The EDM Council, in collaboration with industry experts, has been advocating this approach via the DCAM® — Data Management Capability Assessment Model — an approach that has been utilized across public and private industries. The executive that has been charged with driving this discipline is the chief data officer (CDO). In its early inception, the CDO’s responsibilities centered around operational efficiency (fixing errors, correcting trade fails, cleaning customer data). Today, in addition to these responsibilities, the role of the CDO has dramatically expanded to include the critical capabilities needed to enable the successful use of a firm’s information assets. CDOs focus on cloud adoption, data democratization, semantic modeling, data sharing, and responsible and ethical use of data, all of which are precursors for leveraging responsible and trusted AI/ML and advanced analytics.

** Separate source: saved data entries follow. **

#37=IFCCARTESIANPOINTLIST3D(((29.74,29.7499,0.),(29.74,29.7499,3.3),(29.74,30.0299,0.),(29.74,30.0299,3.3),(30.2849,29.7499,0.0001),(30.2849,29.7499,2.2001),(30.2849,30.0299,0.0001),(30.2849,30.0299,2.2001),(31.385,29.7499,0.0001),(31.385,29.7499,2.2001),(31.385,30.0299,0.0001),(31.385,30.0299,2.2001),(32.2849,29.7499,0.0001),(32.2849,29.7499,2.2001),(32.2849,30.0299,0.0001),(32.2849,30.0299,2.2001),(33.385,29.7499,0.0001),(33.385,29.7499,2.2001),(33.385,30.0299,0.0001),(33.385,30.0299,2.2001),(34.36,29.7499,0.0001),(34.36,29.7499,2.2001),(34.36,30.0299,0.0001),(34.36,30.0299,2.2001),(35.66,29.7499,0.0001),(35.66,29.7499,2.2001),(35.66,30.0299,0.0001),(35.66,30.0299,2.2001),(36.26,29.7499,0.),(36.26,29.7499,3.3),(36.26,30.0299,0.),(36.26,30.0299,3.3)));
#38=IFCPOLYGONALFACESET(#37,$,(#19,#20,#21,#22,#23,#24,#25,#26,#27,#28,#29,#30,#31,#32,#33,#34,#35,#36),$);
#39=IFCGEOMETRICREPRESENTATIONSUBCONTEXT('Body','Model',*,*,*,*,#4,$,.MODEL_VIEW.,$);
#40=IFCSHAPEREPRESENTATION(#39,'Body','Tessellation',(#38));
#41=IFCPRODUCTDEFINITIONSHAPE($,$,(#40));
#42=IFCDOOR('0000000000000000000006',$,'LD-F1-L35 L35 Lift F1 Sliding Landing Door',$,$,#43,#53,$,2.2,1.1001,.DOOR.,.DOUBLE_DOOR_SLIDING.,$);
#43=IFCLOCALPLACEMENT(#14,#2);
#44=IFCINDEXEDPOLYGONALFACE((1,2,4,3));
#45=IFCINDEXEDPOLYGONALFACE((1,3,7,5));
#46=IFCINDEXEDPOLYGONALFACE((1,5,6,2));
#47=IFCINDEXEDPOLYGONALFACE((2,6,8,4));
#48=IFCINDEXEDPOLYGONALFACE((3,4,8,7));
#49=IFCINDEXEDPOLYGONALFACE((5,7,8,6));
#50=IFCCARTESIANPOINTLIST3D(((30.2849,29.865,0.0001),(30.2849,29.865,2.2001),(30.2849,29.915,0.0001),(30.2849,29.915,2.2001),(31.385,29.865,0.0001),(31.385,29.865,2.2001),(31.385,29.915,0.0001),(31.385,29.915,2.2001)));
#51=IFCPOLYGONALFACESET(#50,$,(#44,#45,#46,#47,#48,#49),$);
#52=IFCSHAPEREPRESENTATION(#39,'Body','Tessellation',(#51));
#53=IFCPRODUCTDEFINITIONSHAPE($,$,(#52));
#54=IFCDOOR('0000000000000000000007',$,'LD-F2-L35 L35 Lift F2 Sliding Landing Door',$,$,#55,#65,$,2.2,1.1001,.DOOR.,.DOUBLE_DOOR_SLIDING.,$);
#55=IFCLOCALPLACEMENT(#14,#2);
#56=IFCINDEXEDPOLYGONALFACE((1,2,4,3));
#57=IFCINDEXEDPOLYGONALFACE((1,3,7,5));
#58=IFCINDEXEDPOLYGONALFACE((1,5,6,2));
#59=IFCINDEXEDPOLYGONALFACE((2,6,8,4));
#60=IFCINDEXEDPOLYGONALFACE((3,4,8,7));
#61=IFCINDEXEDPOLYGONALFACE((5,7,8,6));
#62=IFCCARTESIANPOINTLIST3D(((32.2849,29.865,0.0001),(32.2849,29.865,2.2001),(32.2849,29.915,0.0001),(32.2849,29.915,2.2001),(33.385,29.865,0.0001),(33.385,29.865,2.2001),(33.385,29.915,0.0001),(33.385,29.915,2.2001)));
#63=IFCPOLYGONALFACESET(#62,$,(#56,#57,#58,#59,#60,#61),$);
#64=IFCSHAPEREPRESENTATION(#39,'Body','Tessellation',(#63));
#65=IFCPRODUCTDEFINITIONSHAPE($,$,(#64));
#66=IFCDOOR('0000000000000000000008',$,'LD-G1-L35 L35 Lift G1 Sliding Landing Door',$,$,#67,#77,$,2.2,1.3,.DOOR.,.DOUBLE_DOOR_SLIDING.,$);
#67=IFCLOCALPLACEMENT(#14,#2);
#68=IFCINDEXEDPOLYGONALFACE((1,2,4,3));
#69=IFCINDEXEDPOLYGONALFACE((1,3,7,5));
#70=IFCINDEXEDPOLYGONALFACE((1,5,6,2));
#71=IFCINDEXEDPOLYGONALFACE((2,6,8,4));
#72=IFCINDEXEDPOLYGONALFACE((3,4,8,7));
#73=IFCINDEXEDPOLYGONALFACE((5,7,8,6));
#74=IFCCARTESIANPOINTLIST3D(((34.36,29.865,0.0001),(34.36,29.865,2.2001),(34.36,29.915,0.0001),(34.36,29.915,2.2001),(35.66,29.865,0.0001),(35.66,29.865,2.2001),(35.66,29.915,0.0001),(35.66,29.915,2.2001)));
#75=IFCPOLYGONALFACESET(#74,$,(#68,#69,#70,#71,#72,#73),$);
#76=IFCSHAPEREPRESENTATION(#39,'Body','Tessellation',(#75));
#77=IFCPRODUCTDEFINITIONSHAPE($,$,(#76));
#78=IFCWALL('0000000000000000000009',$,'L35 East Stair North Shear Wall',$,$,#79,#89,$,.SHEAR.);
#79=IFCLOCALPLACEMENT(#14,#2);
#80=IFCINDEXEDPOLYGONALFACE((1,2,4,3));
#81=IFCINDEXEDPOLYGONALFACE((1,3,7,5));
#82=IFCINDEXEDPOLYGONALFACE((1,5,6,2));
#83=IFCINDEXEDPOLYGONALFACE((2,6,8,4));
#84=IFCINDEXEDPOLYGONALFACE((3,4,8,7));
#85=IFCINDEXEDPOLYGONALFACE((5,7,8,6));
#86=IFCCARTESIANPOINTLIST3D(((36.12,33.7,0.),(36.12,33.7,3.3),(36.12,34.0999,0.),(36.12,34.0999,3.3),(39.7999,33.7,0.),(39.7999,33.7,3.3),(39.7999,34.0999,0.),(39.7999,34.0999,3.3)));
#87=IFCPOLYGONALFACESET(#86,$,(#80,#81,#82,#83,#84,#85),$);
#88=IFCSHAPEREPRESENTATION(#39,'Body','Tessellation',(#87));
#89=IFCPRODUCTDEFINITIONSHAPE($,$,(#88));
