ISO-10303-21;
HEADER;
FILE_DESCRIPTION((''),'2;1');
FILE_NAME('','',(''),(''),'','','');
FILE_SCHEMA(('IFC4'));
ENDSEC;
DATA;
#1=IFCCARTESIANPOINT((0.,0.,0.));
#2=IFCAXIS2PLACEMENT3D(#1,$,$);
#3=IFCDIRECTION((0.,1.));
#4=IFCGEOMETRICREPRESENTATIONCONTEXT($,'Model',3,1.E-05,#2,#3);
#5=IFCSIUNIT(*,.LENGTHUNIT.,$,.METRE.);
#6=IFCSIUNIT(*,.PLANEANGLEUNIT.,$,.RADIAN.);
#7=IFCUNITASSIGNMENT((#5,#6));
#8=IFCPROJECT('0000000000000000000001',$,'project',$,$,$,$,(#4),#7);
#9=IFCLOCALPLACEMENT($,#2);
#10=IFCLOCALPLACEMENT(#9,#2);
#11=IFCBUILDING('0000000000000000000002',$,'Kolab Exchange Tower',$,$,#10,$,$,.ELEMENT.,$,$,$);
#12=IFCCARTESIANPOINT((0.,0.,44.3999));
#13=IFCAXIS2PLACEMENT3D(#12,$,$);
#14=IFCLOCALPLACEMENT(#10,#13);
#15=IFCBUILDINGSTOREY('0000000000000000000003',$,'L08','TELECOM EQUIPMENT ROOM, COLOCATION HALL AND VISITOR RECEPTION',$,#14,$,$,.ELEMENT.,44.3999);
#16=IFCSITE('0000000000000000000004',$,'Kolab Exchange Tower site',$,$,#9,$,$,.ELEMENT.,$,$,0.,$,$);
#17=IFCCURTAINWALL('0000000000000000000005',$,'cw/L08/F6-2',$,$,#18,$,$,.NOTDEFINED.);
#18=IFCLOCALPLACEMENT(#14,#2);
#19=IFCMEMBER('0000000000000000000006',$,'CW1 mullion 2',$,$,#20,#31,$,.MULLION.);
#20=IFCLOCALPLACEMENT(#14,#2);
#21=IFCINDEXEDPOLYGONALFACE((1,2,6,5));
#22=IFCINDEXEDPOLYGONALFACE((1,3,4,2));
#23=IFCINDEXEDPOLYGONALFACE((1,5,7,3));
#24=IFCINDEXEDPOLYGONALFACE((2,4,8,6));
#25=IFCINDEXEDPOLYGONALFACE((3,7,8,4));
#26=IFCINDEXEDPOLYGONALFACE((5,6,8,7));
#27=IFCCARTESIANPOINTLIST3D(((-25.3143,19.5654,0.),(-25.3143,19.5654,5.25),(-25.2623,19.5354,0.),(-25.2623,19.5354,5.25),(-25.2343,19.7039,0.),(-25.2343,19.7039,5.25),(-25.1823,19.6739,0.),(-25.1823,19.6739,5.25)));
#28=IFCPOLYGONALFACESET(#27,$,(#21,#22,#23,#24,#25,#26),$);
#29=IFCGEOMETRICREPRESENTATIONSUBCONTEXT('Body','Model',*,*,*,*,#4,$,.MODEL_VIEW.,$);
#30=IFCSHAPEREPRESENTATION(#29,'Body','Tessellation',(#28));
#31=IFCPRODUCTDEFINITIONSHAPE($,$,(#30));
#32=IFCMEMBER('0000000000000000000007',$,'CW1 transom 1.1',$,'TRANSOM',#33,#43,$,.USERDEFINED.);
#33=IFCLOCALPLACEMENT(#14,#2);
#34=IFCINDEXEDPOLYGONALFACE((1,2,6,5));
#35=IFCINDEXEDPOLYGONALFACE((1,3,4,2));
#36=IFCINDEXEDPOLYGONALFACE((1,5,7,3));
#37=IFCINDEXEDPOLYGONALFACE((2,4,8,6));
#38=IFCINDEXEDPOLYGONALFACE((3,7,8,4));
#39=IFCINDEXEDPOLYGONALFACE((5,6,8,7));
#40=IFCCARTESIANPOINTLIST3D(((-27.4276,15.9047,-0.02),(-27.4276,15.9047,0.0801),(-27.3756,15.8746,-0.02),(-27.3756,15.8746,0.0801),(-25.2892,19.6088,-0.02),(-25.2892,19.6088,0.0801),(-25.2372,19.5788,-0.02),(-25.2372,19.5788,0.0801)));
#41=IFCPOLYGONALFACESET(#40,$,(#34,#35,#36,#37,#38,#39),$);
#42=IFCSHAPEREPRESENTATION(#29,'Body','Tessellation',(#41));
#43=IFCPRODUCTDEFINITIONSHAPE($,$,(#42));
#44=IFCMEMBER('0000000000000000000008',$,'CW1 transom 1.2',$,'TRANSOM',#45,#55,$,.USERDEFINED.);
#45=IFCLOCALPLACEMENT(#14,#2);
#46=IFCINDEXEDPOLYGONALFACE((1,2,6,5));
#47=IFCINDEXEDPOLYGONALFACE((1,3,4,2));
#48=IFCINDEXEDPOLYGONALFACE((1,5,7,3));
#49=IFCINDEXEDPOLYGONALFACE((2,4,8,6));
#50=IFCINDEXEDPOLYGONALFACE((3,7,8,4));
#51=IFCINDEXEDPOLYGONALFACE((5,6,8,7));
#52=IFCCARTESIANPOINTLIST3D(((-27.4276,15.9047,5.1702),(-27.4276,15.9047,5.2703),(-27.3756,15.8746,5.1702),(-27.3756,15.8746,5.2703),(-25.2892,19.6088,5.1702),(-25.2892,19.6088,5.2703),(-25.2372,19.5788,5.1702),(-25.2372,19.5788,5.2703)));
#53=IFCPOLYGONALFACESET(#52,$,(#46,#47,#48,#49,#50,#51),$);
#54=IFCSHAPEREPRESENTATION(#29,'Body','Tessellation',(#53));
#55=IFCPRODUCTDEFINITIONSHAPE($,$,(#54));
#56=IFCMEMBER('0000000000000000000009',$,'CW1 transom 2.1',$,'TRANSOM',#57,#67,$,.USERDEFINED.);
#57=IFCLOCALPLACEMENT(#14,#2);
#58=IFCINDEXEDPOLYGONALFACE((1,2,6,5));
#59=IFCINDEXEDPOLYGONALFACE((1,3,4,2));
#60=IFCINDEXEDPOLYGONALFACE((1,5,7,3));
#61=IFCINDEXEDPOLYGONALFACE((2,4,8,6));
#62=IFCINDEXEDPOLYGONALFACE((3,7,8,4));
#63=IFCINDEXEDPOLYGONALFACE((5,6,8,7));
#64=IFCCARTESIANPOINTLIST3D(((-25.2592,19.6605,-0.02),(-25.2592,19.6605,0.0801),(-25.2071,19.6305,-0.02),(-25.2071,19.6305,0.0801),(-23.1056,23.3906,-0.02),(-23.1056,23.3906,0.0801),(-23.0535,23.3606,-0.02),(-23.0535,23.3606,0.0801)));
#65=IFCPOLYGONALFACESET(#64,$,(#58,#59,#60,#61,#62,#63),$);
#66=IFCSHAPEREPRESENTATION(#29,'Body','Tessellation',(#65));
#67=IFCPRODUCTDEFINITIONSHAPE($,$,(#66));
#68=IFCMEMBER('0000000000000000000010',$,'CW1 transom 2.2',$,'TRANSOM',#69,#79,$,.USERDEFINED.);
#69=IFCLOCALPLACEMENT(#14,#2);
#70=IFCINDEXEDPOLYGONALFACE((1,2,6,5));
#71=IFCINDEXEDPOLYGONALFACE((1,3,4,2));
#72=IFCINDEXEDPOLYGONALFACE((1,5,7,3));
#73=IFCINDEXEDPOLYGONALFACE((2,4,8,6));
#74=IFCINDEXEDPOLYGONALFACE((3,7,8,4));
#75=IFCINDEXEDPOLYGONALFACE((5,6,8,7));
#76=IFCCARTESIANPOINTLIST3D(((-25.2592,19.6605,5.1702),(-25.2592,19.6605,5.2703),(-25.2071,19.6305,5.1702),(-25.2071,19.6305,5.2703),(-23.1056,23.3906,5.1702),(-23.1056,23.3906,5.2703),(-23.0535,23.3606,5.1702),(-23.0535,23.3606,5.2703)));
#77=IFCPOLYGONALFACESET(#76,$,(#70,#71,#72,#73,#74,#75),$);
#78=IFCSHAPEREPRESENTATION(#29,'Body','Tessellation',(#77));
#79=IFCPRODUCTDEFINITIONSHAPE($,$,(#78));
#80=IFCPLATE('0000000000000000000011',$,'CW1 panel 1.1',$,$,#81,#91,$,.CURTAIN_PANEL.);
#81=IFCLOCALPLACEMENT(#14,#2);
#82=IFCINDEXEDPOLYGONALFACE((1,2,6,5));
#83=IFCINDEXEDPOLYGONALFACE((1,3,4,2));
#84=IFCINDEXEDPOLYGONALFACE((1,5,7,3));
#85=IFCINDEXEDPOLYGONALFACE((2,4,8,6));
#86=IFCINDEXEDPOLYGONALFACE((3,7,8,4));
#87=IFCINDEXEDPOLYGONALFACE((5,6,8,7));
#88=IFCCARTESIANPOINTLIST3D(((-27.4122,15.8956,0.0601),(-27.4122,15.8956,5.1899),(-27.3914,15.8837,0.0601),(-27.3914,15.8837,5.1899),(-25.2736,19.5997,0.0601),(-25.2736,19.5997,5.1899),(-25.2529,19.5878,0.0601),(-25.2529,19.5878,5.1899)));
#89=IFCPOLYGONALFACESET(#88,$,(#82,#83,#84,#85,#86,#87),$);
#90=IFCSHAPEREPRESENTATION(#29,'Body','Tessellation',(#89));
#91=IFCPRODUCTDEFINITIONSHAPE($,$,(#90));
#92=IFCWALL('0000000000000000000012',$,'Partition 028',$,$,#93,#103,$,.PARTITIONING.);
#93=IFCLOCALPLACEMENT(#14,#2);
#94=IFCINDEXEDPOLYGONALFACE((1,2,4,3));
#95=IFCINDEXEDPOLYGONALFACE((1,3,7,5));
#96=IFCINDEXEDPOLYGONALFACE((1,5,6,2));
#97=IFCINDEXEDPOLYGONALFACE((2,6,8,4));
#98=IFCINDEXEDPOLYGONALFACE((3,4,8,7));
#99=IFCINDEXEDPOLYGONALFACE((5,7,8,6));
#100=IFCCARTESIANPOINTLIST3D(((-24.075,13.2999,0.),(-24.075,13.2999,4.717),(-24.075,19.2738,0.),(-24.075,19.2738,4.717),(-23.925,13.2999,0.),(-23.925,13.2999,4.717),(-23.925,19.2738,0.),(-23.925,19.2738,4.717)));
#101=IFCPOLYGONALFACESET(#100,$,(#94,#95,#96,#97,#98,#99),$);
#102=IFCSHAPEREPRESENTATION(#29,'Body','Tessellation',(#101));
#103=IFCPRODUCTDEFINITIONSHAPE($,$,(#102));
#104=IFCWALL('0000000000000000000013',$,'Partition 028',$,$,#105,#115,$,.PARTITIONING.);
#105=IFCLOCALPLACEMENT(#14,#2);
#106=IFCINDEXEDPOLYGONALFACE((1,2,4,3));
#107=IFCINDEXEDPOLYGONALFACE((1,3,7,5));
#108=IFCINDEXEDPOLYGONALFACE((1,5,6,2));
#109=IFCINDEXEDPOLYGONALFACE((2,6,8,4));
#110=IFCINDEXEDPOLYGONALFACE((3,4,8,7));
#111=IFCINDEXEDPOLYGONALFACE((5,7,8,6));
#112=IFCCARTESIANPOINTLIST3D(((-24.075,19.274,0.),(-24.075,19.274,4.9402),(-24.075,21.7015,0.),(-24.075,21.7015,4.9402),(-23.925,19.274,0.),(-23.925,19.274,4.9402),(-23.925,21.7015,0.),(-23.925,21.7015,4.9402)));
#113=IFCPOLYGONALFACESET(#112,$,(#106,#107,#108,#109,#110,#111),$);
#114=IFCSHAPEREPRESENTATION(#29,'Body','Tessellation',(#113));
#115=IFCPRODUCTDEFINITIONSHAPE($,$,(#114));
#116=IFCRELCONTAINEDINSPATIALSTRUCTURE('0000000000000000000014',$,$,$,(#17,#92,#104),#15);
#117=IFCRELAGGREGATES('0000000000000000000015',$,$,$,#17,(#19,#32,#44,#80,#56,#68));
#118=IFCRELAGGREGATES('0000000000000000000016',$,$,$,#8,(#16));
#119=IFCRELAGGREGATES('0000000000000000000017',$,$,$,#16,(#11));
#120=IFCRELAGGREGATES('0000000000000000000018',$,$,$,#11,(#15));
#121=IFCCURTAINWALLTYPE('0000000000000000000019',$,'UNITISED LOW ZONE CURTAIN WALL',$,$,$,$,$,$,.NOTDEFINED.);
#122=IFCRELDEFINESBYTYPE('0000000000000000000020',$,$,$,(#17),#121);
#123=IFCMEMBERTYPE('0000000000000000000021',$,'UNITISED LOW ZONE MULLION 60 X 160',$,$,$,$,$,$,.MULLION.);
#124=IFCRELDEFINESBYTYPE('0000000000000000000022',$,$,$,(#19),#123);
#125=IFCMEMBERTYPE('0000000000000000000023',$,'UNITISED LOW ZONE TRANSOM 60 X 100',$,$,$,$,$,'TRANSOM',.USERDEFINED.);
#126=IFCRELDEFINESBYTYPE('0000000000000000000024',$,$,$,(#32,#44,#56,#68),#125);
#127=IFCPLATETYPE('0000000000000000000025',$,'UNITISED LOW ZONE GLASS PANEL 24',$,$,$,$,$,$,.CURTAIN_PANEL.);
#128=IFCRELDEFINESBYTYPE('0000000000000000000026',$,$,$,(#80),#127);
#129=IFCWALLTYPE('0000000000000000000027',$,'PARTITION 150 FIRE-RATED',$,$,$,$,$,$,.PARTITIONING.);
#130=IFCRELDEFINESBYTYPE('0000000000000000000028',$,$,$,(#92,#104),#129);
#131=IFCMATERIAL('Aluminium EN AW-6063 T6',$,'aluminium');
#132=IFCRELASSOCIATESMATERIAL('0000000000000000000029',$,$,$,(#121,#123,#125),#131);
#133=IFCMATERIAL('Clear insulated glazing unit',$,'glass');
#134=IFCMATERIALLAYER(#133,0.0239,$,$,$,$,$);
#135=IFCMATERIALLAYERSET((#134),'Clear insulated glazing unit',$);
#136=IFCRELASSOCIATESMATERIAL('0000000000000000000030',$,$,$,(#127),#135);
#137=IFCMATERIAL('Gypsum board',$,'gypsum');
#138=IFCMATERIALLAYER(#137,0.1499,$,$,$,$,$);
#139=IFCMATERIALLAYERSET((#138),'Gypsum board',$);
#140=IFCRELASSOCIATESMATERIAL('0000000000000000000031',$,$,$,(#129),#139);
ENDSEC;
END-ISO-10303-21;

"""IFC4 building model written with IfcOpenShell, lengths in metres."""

from ifc_helpers import new_model, si_unit, direction, frame, frame_2d, origin, origin_2d, place, context, subcontext, project, spatial, rectangle, extrude, material, layer, layer_set, material_profile, profile_set, type_object, element, aggregate, save


model = new_model("IFC4")

# Units and contexts
model_context = context("Model", 3, precision=1e-05, world=origin(), true_north=direction((0.0, 1.0)))
body_context = subcontext(model_context, "Body", "Model", "MODEL_VIEW")
ifc_project = project(units=[si_unit("LENGTHUNIT", "METRE"), si_unit("PLANEANGLEUNIT", "RADIAN")], contexts=[model_context])

# Site, building, storey
site_placement = place(None, origin())
site = spatial("IfcSite", under=ifc_project, at=site_placement, Name="Kolab Exchange Tower site", CompositionType="ELEMENT", RefElevation=0.0)
building_placement = place(site_placement, origin())
building = spatial("IfcBuilding", under=site, at=building_placement, Name="Kolab Exchange Tower", CompositionType="ELEMENT")
storey_placement = place(building_placement, frame((0.0, 0.0, 44.3999)))
storey = spatial("IfcBuildingStorey", under=building, at=storey_placement, Name="L08", Description="TELECOM EQUIPMENT ROOM, COLOCATION HALL AND VISITOR RECEPTION", CompositionType="ELEMENT", Elevation=44.3999)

Trust is hard to achieve. There are many factors and many stakeholders needed to achieve this objective. When it comes to trust in our data and in our analytics, don’t be blinded by the desire to chase after the shiny ball of AI/ML without remembering the basics. To get to the benefits of trusted analytics, you first need to achieve trust in your data through the foundational disciplines of data management.
Trust me …
This quarter’s column contributed by:
John Bottega, President of the EDM Council
John Bottega is a senior strategy and data management executive with more than 40 years of experience in the industry. John began working with the EDM Council as an industry contributor in 2005 and served as chairman from 2007 to 2014. He joined the Council’s executive team as a senior advisor in 2014. In 2017, he took over as the senior executive and today holds the title of president of the EDM Council. Over his career, John has served as chief data officer in both the private and public sectors, serving as CDO for Citi, Bank of America, and the Federal Reserve Bank of New York. He also served as head of data management for the Office of Financial Research at the U.S. Department of the Treasury.